The analysis result by the CPU 1e as the analysis unit is displayed on the liquid crystal panel 32 as the display unit, whereby the analysis result and the analysis point are designated while confirming the analysis result, and the analysis is performed by the CPU 1e. This makes it possible to appropriately obtain necessary analysis data according to the purpose of the test.

Since the printer 5 prints the waveform of the measurement data stored in the memory 31 in a predetermined format and prints the test data (analysis result and the like) in a predetermined format (for example, a form). The organization of test results can be performed easily in a short time.

In addition to changing the display position or shake width of the waveform displayed on the liquid crystal panel 1c to a display position or an appropriate shake width that makes it easy to see the waveform, the waveform printed on the printer 5 according to the display position or shake width. Since the print position and swing width of the image change, the degree of freedom of display and print contents is increased.

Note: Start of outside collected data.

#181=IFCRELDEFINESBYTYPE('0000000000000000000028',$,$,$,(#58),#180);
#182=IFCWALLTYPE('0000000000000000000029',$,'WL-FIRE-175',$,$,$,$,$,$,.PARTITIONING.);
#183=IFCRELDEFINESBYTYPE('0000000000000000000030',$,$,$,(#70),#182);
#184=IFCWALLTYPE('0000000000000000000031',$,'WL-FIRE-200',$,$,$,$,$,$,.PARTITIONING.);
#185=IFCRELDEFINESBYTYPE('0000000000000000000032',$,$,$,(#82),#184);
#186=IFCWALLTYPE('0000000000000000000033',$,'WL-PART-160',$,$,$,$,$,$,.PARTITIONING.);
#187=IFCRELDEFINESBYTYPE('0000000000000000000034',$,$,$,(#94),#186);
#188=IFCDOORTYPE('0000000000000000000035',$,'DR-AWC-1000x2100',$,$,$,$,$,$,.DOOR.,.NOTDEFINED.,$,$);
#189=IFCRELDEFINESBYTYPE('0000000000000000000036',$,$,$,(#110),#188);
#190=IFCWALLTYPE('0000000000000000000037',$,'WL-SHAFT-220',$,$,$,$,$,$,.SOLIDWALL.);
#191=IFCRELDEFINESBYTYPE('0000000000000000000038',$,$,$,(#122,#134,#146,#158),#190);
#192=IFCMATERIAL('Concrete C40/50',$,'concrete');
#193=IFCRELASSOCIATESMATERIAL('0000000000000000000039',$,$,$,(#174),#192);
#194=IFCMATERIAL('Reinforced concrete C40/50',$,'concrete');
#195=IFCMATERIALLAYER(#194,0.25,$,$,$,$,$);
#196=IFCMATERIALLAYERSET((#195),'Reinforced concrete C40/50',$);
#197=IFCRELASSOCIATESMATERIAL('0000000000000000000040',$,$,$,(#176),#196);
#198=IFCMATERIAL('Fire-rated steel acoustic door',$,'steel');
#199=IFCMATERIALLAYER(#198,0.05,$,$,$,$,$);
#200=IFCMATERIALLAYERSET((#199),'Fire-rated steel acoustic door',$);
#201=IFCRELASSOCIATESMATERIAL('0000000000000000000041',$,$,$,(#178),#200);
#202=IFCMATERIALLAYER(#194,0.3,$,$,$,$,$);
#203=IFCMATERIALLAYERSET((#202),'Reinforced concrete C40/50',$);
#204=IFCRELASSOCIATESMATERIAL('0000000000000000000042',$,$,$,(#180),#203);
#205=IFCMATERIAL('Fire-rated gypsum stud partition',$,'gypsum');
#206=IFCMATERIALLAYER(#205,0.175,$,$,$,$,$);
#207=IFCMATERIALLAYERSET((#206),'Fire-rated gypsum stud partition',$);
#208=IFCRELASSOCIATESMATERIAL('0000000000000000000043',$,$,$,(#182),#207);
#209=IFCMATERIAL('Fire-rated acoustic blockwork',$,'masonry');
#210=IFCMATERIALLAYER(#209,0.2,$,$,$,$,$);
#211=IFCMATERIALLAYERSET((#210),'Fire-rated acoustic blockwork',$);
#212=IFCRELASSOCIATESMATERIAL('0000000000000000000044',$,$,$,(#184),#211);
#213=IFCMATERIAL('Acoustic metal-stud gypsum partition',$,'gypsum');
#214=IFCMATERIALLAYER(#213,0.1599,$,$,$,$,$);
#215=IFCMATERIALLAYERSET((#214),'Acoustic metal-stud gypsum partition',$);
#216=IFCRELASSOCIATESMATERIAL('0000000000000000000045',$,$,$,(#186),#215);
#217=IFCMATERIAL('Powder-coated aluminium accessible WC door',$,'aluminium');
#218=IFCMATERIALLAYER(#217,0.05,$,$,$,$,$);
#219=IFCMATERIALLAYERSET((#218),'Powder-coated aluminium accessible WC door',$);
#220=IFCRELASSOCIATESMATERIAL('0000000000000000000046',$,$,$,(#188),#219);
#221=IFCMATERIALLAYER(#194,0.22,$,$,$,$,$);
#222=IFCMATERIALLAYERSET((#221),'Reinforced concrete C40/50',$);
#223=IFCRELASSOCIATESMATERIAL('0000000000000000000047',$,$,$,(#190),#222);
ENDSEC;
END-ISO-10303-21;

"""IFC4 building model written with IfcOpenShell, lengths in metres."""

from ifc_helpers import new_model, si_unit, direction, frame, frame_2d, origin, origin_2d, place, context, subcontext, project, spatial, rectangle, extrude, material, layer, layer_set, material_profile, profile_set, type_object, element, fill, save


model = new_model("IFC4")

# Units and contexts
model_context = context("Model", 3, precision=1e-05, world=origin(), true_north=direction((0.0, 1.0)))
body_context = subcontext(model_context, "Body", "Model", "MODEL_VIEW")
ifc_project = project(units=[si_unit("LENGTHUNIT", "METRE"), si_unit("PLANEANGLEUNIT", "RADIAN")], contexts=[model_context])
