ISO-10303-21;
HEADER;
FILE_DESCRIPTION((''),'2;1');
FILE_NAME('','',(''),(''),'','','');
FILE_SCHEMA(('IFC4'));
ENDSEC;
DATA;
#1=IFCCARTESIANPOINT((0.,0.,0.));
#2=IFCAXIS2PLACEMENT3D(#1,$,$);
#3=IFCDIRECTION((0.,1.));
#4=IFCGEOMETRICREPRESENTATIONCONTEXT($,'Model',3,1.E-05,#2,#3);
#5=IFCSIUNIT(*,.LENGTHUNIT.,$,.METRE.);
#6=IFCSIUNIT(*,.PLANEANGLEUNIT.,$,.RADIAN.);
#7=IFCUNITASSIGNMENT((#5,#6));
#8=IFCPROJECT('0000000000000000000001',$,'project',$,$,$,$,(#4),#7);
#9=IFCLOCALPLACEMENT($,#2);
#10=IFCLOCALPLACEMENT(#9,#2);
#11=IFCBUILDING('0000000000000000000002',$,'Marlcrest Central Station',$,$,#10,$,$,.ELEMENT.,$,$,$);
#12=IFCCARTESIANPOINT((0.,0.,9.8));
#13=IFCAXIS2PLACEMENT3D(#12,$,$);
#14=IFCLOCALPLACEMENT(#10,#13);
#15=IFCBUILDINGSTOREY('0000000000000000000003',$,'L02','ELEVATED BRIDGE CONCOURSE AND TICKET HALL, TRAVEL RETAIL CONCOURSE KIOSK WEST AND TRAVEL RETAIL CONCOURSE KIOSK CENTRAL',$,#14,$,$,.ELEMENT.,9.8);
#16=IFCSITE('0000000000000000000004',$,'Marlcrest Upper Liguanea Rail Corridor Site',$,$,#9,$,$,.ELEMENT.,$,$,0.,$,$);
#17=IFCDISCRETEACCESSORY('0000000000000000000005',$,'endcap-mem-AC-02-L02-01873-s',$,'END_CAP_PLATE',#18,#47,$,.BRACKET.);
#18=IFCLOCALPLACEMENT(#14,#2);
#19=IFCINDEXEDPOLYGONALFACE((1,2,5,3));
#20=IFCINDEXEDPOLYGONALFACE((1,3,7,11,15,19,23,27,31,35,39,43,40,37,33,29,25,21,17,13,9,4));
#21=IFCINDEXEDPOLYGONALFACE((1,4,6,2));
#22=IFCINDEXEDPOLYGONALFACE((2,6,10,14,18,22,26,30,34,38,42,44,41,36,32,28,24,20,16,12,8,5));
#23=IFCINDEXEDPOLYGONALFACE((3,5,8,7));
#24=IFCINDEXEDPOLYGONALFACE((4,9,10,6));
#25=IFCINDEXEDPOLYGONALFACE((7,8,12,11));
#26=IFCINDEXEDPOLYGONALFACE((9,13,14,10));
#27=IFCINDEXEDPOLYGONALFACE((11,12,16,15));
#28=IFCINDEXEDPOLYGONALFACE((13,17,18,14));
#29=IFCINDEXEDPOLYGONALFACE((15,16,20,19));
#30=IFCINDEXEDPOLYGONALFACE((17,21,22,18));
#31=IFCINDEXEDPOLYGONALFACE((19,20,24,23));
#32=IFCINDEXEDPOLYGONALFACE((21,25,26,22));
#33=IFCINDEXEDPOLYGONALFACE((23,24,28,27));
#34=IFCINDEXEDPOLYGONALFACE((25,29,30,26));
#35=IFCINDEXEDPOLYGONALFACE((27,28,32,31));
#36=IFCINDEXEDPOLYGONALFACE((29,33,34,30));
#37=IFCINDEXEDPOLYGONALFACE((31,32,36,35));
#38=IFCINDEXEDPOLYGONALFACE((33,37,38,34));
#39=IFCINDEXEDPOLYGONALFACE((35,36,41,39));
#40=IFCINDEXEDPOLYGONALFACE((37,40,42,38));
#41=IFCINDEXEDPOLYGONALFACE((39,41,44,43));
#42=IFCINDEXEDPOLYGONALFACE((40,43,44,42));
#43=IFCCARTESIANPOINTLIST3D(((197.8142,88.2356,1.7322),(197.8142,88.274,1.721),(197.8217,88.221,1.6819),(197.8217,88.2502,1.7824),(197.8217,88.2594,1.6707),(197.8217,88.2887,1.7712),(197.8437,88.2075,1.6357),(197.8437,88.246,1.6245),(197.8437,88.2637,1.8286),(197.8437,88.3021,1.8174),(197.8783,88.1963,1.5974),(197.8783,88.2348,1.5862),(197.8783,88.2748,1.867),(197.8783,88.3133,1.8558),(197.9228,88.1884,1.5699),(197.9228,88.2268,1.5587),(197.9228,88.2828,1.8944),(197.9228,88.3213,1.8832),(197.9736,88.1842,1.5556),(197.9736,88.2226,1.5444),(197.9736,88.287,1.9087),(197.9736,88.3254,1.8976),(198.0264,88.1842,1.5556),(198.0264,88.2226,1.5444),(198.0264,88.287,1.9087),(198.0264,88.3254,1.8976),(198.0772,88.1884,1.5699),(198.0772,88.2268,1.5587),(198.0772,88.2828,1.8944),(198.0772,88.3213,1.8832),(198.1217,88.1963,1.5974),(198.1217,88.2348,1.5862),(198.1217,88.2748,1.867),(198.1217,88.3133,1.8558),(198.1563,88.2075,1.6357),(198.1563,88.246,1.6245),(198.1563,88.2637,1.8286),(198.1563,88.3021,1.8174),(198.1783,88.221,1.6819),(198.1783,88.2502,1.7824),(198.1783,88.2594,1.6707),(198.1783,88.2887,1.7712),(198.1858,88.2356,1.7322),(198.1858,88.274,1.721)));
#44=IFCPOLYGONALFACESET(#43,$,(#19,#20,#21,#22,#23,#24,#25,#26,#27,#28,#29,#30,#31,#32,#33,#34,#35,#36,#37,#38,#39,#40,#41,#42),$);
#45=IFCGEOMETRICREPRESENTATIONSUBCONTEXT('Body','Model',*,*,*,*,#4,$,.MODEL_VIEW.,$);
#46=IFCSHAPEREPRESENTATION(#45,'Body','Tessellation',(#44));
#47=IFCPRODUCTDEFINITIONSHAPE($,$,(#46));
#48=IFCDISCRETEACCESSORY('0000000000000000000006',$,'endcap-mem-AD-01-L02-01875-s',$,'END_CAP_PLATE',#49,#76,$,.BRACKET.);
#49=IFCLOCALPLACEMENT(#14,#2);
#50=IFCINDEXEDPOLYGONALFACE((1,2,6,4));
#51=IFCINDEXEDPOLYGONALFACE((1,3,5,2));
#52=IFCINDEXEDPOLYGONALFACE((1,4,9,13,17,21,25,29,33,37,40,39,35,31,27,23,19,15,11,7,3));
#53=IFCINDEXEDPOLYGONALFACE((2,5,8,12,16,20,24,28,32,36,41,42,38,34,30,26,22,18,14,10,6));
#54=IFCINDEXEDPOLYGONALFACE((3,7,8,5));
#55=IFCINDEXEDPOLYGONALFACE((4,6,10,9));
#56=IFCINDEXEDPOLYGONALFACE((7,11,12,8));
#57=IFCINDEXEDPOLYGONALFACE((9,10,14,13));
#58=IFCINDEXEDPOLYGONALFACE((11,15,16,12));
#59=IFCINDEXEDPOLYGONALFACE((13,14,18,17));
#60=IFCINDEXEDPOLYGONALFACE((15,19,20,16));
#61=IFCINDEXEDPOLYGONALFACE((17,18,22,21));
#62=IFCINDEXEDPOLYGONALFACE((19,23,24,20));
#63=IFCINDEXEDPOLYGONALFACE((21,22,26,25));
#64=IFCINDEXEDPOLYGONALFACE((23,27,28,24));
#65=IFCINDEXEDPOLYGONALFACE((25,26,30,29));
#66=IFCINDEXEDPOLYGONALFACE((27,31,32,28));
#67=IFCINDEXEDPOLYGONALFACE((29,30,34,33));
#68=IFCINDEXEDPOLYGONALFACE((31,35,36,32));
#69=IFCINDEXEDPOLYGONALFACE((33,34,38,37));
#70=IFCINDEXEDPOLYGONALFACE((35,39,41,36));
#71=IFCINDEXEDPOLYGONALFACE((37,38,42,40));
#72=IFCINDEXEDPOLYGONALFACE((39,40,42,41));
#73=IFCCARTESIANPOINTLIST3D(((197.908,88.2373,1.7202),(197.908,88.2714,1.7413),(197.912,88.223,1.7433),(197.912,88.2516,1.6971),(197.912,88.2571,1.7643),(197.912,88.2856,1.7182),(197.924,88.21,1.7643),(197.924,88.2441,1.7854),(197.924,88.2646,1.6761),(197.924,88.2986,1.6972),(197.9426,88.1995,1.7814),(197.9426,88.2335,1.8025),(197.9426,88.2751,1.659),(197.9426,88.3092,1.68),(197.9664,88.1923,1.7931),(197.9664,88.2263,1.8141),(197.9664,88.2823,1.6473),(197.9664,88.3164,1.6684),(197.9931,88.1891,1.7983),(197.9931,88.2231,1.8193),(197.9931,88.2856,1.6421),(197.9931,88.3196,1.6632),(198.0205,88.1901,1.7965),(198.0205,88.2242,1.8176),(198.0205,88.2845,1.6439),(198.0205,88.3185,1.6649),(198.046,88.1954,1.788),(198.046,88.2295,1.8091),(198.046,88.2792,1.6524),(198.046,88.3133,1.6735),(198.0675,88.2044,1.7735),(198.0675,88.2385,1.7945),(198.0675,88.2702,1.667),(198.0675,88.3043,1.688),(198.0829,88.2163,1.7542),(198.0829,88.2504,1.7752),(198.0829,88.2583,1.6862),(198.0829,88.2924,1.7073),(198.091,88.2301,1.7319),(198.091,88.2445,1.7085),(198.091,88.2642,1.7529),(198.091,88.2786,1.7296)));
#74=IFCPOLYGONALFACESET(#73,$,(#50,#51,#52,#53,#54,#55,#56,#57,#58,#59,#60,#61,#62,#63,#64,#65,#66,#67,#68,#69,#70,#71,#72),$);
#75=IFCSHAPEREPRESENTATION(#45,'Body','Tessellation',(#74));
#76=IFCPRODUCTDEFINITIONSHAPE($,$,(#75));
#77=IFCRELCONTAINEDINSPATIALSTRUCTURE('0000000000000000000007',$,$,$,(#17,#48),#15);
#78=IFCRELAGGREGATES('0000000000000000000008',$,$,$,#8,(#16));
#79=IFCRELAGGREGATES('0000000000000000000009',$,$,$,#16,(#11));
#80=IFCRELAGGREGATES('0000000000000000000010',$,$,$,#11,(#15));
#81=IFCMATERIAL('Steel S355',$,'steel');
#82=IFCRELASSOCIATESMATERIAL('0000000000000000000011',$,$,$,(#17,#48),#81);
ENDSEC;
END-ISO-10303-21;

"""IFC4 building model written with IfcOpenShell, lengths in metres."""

from ifc_helpers import new_model, si_unit, direction, frame, origin, origin_2d, place, context, subcontext, project, spatial, circle, extrude, material, element, save


model = new_model("IFC4")

# Units and contexts
model_context = context("Model", 3, precision=1e-05, world=origin(), true_north=direction((0.0, 1.0)))
body_context = subcontext(model_context, "Body", "Model", "MODEL_VIEW")
ifc_project = project(units=[si_unit("LENGTHUNIT", "METRE"), si_unit("PLANEANGLEUNIT", "RADIAN")], contexts=[model_context])

# Site, building, storey
site_placement = place(None, origin())
site = spatial("IfcSite", under=ifc_project, at=site_placement, Name="Marlcrest Upper Liguanea Rail Corridor Site", CompositionType="ELEMENT", RefElevation=0.0)
building_placement = place(site_placement, origin())
building = spatial("IfcBuilding", under=site, at=building_placement, Name="Marlcrest Central Station", CompositionType="ELEMENT")
storey_placement = place(building_placement, frame((0.0, 0.0, 9.8)))
storey = spatial("IfcBuildingStorey", under=building, at=storey_placement, Name="L02", Description="ELEVATED BRIDGE CONCOURSE AND TICKET HALL, TRAVEL RETAIL CONCOURSE KIOSK WEST AND TRAVEL RETAIL CONCOURSE KIOSK CENTRAL", CompositionType="ELEMENT", Elevation=9.8)

# Shared definitions
ifc_material_1 = material(Name="Steel S355", Category="steel")

# Discrete accessories
discrete_accessory_1_placement = place(storey_placement, frame((198.0, 88.2356, 1.7322), z_axis=(0.0, 0.96013, -0.279554), x_axis=(-1.0, 0.0, 0.0)))
element("IfcDiscreteAccessory", 1, at=discrete_accessory_1_placement, inside=storey, material=ifc_material_1, Name="endcap-mem-AC-02-L02-01873-s", ObjectType="END_CAP_PLATE", PredefinedType="BRACKET", context=body_context, shape_type="SweptSolid", body=[
    extrude(circle(Radius=0.1858, at=origin_2d()), origin(), (0.0, 0.0, 1.0), 0.04),
])
discrete_accessory_2_placement = place(storey_placement, frame((198.0, 88.2373, 1.7202), z_axis=(0.0, 0.850687, 0.525672), x_axis=(-1.0, 0.0, 0.0)))
element("IfcDiscreteAccessory", 2, at=discrete_accessory_2_placement, inside=storey, material=ifc_material_1, Name="endcap-mem-AD-01-L02-01875-s", ObjectType="END_CAP_PLATE", PredefinedType="BRACKET", context=body_context, shape_type="SweptSolid", body=[
    extrude(circle(Radius=0.092, at=origin_2d()), origin(), (0.0, 0.0, 1.0), 0.04),
])

save(model, "model.ifc")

In the load shedding test, a voltage signal of a speed detection generator (PSG) for detecting the rotation speed of the generator is selected by the changeover switch SW2, and based on the voltage signal of the speed detection generator. In the emergency stop test, the sudden stop test, the slow stop test, etc., in which the voltage signal of the generator for speed detection becomes zero while the rotation speed of the generator is detected by the counter circuit 27, the synchronous signal generator is operated by the changeover switch SW2. (SSG) synchronization signal is selected, and the counter circuit 27 detects the number of revolutions of the generator based on the synchronization signal. Therefore, it is possible to detect the rotation speed at the time of another test in which the voltage signal of the speed detection generator becomes zero.

In the waveform processing screen shown in FIG. 10, the measurement points are designated by the cursors L1 and L2, and the time between the measurement points is measured. Therefore, the time measurement between one input element or an arbitrary input element is performed. And the required time measurement data can be obtained freely. Although the cursors L1 and L2 indicate the measurement points of all the input elements at the same time, the measurement points may be indicated for each input element.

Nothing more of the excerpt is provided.